Microsoft-Powerset: All About the Data Centers?
June 30th, 2008 By: Rich Miller
Venture Beat is reporting that Microsoft may acquire the semantic search company Powerset for about $100 million. Both companies are mum about the reports, but a Microsoft-Powerset deal could solve the primary roadblock to real-world deployment of semantic search – the extraordinary amount of computing resources required to build a semantic index of the entire web.
One of Powerset’s challenges is data center resources, and whether it can afford to buy or rent the computing power needed to apply its indexing technology to the entire World Wide Web. From its inception, Powerset has acknowledged that its approach to “natural language” contextual search requires much more horsepower to compile than the keyword driven indexes built by Google, Yahoo and Microsoft. Here’s an explanation from our conversation last year with Powerset co-founder Steve Newcomb (who has since left the company):
We capture each sentence rather than just the key words in that sentence, so our index size is many times larger than a keyword index. That has a couple of large impacts on the data center. To parse a single sentence is much more computationally expensive for us than for Google. Because of that, we have to create a massively parallel infrastructure on the processing side. We need a lot more compute power than any keyword search engine, so we need more powerful machines, and the cost of our data center is potentially a very significant cost.

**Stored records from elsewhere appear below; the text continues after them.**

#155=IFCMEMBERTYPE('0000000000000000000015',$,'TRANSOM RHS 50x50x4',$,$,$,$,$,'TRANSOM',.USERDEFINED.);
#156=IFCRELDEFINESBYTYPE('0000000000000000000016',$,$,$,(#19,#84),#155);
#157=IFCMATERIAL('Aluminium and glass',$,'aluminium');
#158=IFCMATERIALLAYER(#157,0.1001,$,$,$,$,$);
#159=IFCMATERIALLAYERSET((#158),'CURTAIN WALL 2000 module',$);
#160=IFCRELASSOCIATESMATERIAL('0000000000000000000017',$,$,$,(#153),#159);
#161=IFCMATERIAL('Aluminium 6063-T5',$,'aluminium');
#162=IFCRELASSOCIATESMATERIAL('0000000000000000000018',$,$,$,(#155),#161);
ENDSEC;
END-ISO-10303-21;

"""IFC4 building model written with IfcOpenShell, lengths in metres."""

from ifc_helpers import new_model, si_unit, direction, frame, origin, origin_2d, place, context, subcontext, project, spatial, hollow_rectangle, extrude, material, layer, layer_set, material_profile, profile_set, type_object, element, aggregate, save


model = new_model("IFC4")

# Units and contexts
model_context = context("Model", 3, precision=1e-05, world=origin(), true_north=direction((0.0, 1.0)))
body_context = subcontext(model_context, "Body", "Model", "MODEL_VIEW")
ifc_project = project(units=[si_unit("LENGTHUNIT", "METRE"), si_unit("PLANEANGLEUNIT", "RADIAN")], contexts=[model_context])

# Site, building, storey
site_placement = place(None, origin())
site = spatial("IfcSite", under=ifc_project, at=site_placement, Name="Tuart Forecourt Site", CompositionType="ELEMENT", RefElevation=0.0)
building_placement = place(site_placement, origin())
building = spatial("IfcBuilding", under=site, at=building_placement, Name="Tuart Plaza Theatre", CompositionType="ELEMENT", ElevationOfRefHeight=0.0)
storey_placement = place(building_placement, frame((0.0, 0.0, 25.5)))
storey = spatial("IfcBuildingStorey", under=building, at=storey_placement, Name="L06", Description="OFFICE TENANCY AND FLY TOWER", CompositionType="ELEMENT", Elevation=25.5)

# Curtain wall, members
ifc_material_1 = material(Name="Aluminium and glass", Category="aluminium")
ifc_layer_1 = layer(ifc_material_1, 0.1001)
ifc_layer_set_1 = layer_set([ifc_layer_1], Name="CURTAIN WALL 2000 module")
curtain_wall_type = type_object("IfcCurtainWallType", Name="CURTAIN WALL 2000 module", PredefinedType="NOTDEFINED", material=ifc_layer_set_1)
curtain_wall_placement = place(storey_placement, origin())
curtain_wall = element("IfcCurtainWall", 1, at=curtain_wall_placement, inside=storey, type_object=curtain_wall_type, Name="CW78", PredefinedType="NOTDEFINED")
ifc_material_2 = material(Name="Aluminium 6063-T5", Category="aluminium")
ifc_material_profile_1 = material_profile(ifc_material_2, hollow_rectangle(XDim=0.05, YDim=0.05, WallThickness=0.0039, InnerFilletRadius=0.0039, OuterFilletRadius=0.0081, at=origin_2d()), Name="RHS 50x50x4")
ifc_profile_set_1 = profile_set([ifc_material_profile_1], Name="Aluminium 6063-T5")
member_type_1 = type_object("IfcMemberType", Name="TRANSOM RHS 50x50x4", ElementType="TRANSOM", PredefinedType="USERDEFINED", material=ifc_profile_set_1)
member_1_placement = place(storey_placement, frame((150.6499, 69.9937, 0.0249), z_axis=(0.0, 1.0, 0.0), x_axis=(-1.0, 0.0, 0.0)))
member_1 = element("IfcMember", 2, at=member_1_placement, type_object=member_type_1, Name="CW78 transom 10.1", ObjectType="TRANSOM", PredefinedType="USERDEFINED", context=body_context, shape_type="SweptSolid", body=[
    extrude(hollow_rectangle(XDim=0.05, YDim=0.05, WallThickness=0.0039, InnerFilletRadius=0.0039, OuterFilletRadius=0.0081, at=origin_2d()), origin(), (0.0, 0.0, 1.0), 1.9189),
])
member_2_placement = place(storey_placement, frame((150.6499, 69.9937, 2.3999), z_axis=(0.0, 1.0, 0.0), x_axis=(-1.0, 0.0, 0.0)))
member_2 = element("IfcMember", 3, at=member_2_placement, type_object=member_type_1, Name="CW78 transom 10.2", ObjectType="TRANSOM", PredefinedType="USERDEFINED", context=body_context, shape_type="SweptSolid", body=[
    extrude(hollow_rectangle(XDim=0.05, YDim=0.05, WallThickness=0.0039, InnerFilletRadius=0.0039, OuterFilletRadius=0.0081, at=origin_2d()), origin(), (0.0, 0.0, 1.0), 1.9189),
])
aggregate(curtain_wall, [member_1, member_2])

Powerset has its own data center infrastructure, but turned to Amazon and its EC2 utility computing service to build its web index.

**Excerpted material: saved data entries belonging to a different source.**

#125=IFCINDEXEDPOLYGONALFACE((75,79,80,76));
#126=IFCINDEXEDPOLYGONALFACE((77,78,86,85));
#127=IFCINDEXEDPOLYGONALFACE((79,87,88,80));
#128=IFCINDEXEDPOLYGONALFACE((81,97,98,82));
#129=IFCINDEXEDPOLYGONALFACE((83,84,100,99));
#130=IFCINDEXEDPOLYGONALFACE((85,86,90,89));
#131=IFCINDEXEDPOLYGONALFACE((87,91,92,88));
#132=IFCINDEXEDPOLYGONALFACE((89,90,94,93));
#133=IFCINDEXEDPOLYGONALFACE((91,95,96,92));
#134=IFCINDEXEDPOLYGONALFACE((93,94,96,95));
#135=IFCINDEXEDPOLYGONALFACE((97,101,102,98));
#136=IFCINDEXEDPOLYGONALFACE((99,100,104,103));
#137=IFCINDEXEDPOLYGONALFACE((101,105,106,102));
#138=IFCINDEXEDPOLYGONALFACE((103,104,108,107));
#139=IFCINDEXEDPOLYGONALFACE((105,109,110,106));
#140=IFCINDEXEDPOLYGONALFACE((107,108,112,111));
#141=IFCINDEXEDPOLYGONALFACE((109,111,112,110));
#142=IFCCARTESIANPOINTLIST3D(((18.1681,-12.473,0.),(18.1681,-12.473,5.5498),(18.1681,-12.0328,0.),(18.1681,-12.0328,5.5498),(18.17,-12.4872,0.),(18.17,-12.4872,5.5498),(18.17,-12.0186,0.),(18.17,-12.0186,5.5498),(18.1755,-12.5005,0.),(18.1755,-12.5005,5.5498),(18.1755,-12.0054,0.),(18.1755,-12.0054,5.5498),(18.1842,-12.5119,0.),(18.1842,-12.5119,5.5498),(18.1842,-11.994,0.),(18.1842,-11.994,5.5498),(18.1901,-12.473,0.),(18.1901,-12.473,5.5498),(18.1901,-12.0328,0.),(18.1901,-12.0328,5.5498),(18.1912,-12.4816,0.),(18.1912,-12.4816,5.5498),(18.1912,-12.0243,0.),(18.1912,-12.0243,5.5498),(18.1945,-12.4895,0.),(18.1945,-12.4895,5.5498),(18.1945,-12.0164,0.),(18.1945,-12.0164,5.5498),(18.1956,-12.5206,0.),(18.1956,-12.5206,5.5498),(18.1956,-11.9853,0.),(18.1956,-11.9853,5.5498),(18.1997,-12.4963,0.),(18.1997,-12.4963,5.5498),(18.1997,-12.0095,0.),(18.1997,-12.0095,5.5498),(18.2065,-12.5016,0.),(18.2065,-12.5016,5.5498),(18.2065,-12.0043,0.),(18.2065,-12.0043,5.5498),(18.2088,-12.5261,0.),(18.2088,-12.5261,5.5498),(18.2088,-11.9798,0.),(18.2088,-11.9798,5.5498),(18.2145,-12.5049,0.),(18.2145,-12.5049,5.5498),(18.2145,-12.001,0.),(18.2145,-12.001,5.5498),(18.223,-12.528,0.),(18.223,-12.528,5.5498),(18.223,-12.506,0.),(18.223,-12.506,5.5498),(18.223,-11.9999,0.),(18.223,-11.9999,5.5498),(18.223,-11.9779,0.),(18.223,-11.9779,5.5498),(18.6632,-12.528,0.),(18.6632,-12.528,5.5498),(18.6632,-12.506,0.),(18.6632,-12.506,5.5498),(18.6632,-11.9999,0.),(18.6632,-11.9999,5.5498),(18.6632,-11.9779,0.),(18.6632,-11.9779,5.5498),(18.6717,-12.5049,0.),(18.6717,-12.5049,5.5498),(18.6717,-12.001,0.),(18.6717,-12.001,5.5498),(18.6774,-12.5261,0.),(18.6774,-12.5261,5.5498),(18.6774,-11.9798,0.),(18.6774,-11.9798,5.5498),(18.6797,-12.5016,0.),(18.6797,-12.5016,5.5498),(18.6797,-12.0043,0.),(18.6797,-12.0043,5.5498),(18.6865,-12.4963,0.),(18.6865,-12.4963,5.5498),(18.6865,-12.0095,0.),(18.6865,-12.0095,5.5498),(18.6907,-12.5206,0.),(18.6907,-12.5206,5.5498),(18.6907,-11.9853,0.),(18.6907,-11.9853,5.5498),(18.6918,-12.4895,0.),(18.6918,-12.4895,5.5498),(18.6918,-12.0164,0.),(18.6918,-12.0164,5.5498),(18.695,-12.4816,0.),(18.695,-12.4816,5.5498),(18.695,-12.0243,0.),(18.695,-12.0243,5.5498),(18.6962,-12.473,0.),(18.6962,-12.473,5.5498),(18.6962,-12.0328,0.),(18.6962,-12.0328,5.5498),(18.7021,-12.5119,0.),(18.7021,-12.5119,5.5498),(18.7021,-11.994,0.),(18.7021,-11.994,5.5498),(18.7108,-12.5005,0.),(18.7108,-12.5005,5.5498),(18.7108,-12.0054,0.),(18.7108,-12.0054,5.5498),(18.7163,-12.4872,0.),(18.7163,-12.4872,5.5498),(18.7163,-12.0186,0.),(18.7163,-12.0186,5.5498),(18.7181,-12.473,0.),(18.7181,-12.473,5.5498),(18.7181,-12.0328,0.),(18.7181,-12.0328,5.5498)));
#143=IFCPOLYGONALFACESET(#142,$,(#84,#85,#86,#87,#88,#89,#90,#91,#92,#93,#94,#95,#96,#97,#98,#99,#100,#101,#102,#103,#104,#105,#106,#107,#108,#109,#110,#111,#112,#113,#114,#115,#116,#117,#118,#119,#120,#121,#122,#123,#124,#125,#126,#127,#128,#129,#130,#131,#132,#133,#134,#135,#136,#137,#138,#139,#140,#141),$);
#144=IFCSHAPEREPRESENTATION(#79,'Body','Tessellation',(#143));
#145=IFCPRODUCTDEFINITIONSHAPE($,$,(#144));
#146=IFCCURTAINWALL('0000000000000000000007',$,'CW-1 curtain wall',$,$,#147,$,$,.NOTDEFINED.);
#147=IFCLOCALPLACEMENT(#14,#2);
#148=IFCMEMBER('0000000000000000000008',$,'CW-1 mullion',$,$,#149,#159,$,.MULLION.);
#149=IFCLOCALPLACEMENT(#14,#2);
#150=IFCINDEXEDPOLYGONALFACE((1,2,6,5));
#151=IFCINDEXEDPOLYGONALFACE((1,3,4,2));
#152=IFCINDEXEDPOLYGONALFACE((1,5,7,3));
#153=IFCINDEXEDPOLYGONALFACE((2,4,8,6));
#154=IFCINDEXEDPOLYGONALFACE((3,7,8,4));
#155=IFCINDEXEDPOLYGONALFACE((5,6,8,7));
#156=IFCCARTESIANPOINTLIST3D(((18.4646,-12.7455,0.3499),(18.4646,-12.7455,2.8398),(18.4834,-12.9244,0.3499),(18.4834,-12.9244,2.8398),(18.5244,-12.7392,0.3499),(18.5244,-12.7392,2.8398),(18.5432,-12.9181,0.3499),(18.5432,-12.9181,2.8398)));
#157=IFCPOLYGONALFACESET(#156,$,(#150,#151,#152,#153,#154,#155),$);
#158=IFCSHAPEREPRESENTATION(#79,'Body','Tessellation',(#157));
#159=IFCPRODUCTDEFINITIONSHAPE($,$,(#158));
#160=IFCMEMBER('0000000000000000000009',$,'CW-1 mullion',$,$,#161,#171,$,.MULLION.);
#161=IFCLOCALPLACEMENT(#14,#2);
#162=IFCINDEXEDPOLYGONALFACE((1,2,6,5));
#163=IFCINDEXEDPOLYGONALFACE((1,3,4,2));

When Powerset began using Amazon EC2 in November 2006, founder and CEO Barney Pell noted that building traditional data center infrastructure would be “a significant barrier to seriously competing with companies like Google and Yahoo.” In mid-2007, Newcomb projected that using Amazon would allow Powerset to complete building its index by early 2008, after which the company would use its own data centers to maintain the index – which requires less computational horsepower than building it.
But when Powerset launched in May, it did so with a proof-of-concept index of Wikipedia, rather than the web-wide search originally envisioned by its founders.
Was this all Powerset was able to come up with after more than 18 months of indexing using Amazon EC2? The company says it still intends to eventually offer a semantic index of the entire web, but hasn’t indicated how much of that task has been completed (beyond Wikipedia). But the progress to date suggests that it will be difficult for Powerset to complete the task quickly on its own – hence the rumors that the company is seeking suitors.
With its enormous data center infrastructure, Microsoft has the resources to build a semantic index of the entire web using Powerset’s technology, and to do so faster than anyone else.